When shooting a film camera the controls were few so operating the camera was fairly easy. Now, given the plethora of dials, knobs and levers, would operating the camera like the Df at night be easy? 

The current DSLRs provide all the controls (while shooting) with a single hand. With the Df, one will have to use both hands which IMHO will present more problems than solutions.


----------



## neuroanatomist (Nov 5, 2013)

tolusina said:


> Um, can't really compare Df to D610, Df doesn't have D610 guts, it's got D4 guts at less than half the price.



You seem to be one of those folks for whom "sensor" is synonymous with "camera." Do you make camera purchase decisions based solely on DxOMark Sensor Scores? FYI, there's more inside a camera than the sensor. Let's look, shall we?

D4 Df D610 Like D4? Like D610?
Sensor 16 MP 16 MP 24 MP ✓
AF points 51 (15 cross) 39 (9 cross) 39 (9 cross) ✓
AF sensitivity -2 EV -1 EV -1 EV ✓
Metering sensor 91,000 pixel 2,016 pixel 2,016 pixel ✓
Max shutter 1/8000 s 1/4000 s 1/4000 s ✓
X-sync 1/250 s 1/200 s 1/200 s ✓
Exposure Comp ±5 EV ±3 EV ±3 EV ✓

Look at that list, and explain how the 'guts' of the Df are more like the D4 than the D600/610...

Allow me to repeat my earlier statement, with a few modifications: What Nikon has done here is analogous to taking a modern, powerful, fuel-efficient engine, (the D4 sensor), handicapping that engine with a three speed transmission (the D600/610 AF sensor, metering sensor, shutter assembly, etc.)...putting it into a Subaru Brat...and slapping on a Mercedes price sticker.


----------



## GmwDarkroom (Nov 5, 2013)

I love the idea of a camera focused on photography and ditching the video.

However if it means going back to 70's ergonomics, I'll pass.
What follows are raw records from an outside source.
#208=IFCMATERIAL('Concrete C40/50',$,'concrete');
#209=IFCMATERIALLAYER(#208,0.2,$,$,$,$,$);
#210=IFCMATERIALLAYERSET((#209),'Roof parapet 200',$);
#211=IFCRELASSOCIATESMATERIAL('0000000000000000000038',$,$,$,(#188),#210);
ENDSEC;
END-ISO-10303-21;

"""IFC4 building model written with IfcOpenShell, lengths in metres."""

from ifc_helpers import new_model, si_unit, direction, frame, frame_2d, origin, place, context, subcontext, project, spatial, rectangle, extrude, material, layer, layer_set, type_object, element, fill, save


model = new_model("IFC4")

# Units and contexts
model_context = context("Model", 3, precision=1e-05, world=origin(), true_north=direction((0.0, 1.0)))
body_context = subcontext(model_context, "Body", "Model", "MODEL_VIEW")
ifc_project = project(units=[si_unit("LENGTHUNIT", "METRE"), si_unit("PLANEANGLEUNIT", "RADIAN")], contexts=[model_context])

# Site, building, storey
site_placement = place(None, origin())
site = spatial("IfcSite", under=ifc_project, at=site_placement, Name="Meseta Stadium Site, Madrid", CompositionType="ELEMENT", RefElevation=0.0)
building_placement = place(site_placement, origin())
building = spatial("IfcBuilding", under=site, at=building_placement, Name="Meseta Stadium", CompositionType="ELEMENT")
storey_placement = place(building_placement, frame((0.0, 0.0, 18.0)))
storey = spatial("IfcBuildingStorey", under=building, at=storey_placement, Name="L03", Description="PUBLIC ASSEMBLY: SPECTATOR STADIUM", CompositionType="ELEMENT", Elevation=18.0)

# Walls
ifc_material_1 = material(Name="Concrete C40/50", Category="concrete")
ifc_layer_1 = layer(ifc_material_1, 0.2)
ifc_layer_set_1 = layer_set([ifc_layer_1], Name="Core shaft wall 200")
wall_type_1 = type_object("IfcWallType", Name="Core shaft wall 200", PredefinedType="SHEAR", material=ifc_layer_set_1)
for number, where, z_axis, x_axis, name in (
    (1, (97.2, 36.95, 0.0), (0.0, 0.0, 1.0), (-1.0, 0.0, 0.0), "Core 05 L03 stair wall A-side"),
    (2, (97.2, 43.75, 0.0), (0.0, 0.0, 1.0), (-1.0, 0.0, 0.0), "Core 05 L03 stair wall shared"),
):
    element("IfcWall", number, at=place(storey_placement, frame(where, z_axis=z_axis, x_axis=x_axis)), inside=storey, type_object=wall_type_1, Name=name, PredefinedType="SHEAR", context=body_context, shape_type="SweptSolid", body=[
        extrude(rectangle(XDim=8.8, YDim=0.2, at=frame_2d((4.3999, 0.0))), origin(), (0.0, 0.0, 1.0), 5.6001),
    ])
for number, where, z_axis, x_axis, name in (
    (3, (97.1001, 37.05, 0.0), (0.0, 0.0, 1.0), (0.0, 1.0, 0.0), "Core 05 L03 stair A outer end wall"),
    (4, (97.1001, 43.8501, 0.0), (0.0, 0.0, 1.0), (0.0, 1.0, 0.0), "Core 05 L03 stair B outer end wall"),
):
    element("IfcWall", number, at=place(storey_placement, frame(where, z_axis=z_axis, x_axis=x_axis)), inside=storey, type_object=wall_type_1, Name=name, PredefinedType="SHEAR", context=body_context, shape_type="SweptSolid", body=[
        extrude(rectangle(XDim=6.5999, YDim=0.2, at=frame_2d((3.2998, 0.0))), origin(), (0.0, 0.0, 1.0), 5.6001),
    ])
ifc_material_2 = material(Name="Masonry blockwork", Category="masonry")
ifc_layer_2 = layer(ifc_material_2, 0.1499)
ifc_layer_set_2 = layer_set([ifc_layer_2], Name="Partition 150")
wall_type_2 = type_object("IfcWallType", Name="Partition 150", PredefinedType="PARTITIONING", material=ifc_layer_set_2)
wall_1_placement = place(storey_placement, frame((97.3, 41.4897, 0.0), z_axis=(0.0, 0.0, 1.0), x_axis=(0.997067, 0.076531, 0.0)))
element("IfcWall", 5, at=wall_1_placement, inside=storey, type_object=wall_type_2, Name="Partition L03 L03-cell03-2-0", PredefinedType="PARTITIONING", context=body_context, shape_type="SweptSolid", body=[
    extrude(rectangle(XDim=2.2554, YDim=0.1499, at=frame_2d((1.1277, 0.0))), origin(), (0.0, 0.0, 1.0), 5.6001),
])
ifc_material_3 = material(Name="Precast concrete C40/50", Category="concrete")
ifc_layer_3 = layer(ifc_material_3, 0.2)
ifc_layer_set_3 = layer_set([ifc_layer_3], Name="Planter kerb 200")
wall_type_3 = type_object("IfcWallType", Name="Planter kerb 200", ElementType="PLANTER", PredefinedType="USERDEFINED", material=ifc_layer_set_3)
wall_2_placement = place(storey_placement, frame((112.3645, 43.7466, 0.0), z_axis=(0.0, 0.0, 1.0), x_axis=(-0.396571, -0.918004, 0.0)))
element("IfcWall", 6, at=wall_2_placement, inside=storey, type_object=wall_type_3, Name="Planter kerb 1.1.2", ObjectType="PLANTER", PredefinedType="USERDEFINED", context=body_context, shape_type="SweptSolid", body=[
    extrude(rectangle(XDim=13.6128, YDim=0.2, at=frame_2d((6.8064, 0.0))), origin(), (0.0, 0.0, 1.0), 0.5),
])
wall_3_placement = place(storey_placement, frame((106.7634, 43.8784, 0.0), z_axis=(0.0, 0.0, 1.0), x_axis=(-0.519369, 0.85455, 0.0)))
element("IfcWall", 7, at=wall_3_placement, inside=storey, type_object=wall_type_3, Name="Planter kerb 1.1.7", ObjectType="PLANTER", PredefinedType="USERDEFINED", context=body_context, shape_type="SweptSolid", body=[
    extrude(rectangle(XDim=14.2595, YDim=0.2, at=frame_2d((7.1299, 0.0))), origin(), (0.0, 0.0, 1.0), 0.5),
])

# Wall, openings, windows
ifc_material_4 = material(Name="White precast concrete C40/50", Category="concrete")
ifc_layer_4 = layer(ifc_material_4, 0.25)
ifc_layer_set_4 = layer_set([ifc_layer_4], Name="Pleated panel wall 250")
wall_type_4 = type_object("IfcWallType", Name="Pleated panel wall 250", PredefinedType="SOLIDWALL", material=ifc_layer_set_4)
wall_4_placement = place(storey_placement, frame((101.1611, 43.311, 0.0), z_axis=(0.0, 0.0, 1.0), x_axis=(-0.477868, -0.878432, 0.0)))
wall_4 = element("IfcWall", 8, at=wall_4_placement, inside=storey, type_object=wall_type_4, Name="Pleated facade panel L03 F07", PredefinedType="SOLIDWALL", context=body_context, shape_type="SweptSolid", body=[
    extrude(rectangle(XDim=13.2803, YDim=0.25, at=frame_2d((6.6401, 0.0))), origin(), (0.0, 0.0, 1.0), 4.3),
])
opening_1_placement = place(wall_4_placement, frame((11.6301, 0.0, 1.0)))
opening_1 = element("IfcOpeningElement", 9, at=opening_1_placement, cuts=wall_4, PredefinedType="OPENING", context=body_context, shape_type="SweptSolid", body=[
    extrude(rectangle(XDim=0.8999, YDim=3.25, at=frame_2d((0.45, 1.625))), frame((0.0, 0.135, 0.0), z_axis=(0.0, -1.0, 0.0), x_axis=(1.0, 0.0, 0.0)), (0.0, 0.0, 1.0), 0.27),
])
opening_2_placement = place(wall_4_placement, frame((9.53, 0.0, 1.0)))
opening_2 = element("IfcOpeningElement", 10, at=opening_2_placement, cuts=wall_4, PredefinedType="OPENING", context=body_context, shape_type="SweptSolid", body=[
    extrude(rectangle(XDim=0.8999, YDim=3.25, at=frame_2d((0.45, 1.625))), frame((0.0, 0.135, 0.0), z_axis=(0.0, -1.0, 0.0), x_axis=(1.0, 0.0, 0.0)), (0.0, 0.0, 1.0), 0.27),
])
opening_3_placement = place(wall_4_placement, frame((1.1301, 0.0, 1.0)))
The first time I got my hands on a T90 was my farewell to that miniscule grip on SLRs.

At least it doesn't use those LR44 batteries.


----------



## iron-t (Nov 5, 2013)

I really like the style and the control layout looks wonderful, but isn't it hard to justify a $2700 price tag on a body with a 16 MP sensor? A few years ago that would have been pro spec, but not so much now. A used 1D4 shooting 10 FPS is pretty close in price, and if you need full frame a 1Ds3 is cheaper and has much higher resolution.

Lack of video is not a feature. I almost never shoot video but I'm not sad my 5D3 can do it. I get the feeling Nikon is positioning the Df to appeal to status seekers looking to prove they're REALLY SERIOUS about photography. To whom I say: SHOW ME THE IMAGES!


----------



## Radiating (Nov 5, 2013)

This camera is also probably the best street photography camera that exists. The sensor has the lowest noise level of any full frame current DSLR. This is the first compact camera to have a full frame ultra low noise sensor in a compact body. Noise is always my biggest issue in street photography.

The purpose of the Nikon DF is in no way a fashion accessory because a camera is not part of an outfit. If anything it's a tool that is built in a way that is designed to appeal to the photographer, not onlookers.

Creating art is sometimes about the process more than about the result or performance and having a pleasing tool is nice. Besides that the manual controls make you more involved in the general process.


----------



## JohnDizzo15 (Nov 5, 2013)

neuroanatomist said:


> tolusina said:
> 
> 
> > Um, can't really compare Df to D610, Df doesn't have D610 guts, it's got D4 guts at less than half the price.
> ...



Beautifully composed.


----------



## sanj (Nov 5, 2013)

Radiating said:


> This camera is also probably the best street photography camera that exists. The sensor has the lowest noise level of any full frame current DSLR. This is the first compact camera to have a full frame ultra low noise sensor in a compact body. Noise is always my biggest issue in street photography.
> 
> The purpose of the Nikon DF is in no way a fashion accessory because a camera is not part of an outfit. If anything it's a tool that is built in a way that is designed to appeal to the photographer, not onlookers.
> 
> Creating art is sometimes about the process more than about the result or performance and having a pleasing tool is nice. Besides that the manual controls make you more involved in the general process.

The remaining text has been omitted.